How do we know black people are offended by the terminology of midi clocks ?

------
nowandlater
“We are what we always were in Salem, but now the little crazy children are
jangling the keys of the kingdom, and common vengeance writes the law!”

― Arthur Miller, The Crucible

------
TAForObvReasons
Some tools already do this. Reason switched in 2017:
[https://www.reasonstudios.com/en/reason/updates/release-
note...](https://www.reasonstudios.com/en/reason/updates/release-notes)

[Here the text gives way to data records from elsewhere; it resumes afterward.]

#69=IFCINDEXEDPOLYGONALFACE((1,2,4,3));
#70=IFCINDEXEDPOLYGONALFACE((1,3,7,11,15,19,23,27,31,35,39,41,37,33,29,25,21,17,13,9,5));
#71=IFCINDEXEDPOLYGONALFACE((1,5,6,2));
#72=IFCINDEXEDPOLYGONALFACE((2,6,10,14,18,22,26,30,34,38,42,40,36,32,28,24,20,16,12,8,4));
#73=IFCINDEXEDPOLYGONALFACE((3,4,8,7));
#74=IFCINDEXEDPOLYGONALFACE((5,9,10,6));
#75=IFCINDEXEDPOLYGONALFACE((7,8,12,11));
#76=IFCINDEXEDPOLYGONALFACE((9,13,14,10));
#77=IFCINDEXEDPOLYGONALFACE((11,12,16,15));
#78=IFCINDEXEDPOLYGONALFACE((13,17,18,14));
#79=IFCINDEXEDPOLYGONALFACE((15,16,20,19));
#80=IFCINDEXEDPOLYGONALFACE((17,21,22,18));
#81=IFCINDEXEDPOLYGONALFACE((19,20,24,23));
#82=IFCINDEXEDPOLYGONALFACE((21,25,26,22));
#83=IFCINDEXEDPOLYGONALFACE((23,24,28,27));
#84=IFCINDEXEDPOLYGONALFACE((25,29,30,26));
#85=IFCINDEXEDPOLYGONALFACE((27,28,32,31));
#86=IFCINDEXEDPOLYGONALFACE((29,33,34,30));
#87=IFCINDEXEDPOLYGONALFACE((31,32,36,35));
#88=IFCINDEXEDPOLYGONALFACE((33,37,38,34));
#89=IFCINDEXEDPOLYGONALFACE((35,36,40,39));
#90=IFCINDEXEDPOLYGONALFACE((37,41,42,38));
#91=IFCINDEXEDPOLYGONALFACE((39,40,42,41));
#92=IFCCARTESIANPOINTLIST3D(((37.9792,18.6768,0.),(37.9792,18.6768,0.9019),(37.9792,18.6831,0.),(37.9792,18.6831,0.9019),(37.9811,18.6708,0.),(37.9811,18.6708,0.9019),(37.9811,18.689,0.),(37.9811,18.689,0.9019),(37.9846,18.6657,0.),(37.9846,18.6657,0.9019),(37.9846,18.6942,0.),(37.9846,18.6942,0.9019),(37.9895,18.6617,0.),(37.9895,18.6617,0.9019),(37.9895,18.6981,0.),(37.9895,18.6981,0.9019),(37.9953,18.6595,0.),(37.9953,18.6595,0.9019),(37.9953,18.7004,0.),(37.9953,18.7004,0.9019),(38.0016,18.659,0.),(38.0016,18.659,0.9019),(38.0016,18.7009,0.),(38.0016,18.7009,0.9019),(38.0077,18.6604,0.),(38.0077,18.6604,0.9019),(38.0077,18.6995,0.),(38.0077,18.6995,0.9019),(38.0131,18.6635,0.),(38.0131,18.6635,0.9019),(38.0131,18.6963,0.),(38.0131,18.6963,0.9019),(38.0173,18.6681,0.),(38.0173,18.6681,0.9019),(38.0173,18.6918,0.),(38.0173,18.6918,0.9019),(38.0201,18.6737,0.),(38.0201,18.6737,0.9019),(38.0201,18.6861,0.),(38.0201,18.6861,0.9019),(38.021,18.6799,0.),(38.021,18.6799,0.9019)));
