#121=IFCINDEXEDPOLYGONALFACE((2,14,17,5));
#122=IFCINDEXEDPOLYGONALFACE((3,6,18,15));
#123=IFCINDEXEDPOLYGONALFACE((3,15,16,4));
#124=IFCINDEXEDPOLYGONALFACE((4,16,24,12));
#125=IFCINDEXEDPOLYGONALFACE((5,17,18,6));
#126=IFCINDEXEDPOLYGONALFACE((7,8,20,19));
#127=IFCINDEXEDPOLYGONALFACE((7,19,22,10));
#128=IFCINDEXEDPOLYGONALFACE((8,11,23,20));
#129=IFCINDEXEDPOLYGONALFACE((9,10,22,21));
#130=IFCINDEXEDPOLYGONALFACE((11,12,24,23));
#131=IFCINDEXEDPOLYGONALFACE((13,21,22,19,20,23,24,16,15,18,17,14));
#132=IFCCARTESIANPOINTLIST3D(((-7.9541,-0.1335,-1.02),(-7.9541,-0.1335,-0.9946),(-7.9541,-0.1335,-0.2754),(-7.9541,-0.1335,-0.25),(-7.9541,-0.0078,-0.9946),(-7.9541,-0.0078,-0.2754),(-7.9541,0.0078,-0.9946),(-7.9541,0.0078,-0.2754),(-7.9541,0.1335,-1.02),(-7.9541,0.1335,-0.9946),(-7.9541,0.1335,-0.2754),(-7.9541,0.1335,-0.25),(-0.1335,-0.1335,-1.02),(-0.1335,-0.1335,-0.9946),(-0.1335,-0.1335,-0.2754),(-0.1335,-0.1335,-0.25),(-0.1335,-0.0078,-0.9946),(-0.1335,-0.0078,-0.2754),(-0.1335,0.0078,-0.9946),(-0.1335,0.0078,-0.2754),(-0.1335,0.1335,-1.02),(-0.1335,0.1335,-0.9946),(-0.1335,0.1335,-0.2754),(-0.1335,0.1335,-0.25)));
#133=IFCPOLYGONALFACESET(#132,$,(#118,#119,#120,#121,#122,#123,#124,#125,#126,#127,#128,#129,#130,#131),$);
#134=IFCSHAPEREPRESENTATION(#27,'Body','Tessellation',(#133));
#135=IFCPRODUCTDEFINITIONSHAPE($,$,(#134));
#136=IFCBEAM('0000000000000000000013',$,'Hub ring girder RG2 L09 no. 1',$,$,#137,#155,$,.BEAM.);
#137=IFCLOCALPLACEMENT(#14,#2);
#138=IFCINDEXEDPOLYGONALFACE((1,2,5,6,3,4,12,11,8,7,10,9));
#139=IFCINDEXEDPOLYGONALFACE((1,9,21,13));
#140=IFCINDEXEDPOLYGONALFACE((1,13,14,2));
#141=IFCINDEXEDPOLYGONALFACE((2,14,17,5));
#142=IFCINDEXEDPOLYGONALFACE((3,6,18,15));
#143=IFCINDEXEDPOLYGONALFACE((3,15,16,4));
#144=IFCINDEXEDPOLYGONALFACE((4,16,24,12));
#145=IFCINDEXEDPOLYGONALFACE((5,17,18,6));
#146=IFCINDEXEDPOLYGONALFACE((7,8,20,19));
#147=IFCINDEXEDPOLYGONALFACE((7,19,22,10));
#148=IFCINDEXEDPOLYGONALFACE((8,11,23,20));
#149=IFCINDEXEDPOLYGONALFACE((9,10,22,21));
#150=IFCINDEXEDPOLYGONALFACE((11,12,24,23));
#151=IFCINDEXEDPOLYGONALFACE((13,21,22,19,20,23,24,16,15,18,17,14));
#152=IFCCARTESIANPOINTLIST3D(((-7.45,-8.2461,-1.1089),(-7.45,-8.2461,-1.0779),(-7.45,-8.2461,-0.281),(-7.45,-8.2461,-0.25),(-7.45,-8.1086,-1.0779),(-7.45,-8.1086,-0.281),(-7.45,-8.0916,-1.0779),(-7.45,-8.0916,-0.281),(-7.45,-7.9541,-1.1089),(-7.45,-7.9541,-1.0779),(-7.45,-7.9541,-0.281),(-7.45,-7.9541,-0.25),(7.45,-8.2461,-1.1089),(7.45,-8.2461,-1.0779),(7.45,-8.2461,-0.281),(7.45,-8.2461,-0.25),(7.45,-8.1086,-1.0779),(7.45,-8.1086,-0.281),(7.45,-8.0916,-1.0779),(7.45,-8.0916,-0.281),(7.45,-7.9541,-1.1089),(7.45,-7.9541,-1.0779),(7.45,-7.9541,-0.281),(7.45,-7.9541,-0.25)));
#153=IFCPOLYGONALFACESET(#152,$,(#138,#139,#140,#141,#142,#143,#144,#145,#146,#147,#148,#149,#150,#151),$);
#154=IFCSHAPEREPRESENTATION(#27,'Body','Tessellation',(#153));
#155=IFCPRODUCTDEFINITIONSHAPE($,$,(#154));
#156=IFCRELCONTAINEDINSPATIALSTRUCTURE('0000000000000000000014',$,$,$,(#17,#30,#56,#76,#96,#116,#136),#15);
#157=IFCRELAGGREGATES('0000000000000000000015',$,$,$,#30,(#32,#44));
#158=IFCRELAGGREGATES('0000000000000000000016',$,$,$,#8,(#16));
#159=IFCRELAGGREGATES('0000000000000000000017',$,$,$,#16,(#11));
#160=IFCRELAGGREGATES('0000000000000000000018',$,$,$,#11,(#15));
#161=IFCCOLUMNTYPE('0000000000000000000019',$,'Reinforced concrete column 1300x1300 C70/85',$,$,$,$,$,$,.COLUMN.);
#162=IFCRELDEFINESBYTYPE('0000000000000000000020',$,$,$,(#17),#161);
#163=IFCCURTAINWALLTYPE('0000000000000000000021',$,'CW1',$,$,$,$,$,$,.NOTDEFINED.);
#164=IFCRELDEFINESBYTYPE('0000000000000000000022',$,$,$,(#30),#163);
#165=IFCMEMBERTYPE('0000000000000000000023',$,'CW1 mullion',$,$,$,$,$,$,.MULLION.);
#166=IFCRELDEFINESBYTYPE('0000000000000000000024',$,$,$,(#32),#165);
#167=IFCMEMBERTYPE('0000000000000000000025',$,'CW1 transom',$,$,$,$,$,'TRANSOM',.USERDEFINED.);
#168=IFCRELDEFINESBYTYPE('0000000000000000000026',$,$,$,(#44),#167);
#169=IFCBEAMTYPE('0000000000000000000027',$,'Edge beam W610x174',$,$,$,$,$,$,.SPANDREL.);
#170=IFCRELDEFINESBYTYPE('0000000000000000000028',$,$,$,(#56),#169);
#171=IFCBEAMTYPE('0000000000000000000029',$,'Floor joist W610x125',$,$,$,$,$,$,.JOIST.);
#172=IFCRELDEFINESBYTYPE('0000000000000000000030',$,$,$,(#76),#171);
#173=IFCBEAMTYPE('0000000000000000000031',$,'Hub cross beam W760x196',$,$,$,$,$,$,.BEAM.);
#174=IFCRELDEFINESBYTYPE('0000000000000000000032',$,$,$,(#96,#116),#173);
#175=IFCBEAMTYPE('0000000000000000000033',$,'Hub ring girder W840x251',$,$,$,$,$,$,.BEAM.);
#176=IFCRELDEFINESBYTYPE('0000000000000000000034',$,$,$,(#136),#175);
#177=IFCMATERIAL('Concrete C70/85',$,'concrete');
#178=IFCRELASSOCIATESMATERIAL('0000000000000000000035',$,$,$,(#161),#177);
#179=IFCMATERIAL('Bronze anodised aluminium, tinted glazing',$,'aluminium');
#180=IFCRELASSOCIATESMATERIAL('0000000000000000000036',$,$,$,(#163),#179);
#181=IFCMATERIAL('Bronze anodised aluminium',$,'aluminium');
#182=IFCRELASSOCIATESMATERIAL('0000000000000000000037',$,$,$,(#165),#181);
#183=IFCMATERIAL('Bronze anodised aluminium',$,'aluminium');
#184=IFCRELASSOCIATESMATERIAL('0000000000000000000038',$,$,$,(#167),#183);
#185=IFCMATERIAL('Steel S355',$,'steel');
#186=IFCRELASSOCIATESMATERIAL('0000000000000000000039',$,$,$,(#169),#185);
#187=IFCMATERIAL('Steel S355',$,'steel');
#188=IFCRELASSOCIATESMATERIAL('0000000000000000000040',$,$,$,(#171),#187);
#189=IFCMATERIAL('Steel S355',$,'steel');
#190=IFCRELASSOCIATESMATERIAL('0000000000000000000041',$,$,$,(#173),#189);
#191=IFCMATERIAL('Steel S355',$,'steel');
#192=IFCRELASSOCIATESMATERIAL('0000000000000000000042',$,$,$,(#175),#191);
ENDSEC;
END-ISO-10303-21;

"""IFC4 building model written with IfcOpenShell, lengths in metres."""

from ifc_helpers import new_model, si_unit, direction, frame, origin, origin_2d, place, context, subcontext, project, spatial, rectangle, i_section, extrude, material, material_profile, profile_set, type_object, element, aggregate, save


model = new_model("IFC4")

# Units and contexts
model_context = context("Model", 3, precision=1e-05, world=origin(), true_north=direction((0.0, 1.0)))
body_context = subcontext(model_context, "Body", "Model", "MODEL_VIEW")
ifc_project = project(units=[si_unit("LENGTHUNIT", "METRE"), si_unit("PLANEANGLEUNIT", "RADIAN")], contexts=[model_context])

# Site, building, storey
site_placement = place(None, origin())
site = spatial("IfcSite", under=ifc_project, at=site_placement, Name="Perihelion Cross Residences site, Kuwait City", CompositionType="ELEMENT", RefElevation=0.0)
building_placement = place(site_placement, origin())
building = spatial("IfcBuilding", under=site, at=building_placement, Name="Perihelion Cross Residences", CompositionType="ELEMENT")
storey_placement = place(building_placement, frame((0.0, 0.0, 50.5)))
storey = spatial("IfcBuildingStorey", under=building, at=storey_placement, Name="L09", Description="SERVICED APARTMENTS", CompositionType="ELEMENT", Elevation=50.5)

> Reason 10.0.1 / Reason Essentials 10.0.1 Release Notes

> ReWire master/mixer and slave/device is now always referred to as "host" and
> "device"

------
rrradical
A lot of the other comments here seem absurd to me. We should all be able to
imagine terminology that would be repulsive. (I.e., imagine if some tech term
or project name were a racial slur. Would you really argue against changing
it?). So yea, there's a line to draw somewhere; we can't say every technical
term is immune from critique.

So then the argument is that in this particular case it's just not a big deal
and people shouldn't be upset about it. Well, if you're saying that, I'm going
to go out on a limb and guess that your recent ancestors didn't have to deal
with slavery!

What percentage of people in tech are Black? Some single digit percentage?
What if tech were 95% Black? Would we really say master/slave? Of course not.
That wording has a lot of baggage for some people! So even if 9 out of 10
people don't have a problem with the word and see this as a PC slippery slope,
that doesn't mean the minority is wrong to request changes. It's not difficult
to change the terminology, and it helps some people, so why fight it.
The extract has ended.